22 June, 2009

Monday - Day 0173

"Fight Gone Bad" (CrossFit)

In this workout you will move from each of 5 stations
after 60 seconds. Count reps at each station. Repeat
for 3 rounds. Add total number of reps for all 3 rounds
for your final score. 60 second rest between rounds.

The stations are:

Wallball shots
SDHPs
Box Jumps
Push-presses
Burpees

(75#, 50#, 30#, or 20# as necessary.)

Compare to:
Day 0117














Seven Habits of Highly Effective Athletes
Weaknesses

“AGE WRINKLES THE BODY. QUITTING WRINKLES THE SOUL."


- DOUGLAS MACARTHUR

4 comments:

Andrea said...

Oooooooooooh.
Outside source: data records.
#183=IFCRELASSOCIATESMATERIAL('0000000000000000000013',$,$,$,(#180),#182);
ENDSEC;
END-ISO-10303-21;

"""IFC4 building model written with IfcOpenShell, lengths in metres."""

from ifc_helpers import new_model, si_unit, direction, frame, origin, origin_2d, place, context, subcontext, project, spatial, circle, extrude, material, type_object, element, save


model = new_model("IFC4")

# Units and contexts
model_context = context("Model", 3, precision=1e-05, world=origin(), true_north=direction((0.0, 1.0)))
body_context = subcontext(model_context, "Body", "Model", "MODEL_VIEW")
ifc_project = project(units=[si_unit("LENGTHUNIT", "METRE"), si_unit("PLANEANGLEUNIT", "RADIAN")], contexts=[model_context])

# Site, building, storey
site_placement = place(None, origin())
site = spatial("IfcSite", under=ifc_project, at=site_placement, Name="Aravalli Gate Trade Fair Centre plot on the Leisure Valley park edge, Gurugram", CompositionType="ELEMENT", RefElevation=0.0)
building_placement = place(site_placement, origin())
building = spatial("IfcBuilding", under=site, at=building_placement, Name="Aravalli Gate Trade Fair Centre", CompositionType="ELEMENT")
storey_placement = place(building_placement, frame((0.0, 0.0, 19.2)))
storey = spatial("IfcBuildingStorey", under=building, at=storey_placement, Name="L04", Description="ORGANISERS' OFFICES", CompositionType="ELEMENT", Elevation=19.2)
I am going to have to do some major begging in order to attend tonight's class.

I don't want to do "Fight Gone Bad" and because I don't want to do it... I need to do it. Does that make sense? LOL

Andrea said...

Okay now that I read the articles I can comment on that.

As far as Weaknesses, Conditioning is DEFINITELY my weakness. Especially after doing yesterday's burpees. Damn burpees had me sweating from every single pour in my body. It truly did take every single breath I had in order to finish the workout in under 20 minutes. Mind you ... I have a feeling that was probably a 12 minute workout.

Habits of athletes. I can't keep but wondering why bother having a "cheat day"? I look forward to my "cheat days" just to have a that something or somethings I have been denying myself all week. The original purpose of the cheat day was so that I can maintain this proper way of eating and lose weight effectively while training.

To some extent the article contradicts what you have taught us as far as "cheat days" are concerned. Can that "one" day truly affect my performance? I can understand if I "overindulge" (which I tend to do while drinking) but to think that a small piece of carrot cake or a small plate of (insert starch here) will hinder progress seems a bit much.

Please don't bite my head off... just posting for discussion.

Will-I-Am said...

Yep... Fight Gone Bad is calling you. Lol.

Ok, gotcha... Well, once you clearly define your primary weakness you have to attack it. Burpees suck. Point, blank, period. But how do you make them less challenging? Do more burpees! Do them every day! Do them so much that you trick yourself into believing you enjoy them!

And two things about the second article. One, I didn't write it! And two, it doesn't contradict what I've told you...simply based on the fact that none of you are really training for major competition. The article stated that "A little piece of chocolate cake when you are preparing for competition can mean a couple of hundredths of a second added to your 100 metre time or 20 grams of bodyweight too high to make your wrestling weight class." Again, none of you are competitive sprinters or worrying about making a weight class for a wrestling match...so it is unnecessary to go to that extreme for those who are just looking to improve their fitness on a broad and general scale.

Andrea said...

Hey!! Maybe I want to compete!!!! LOL!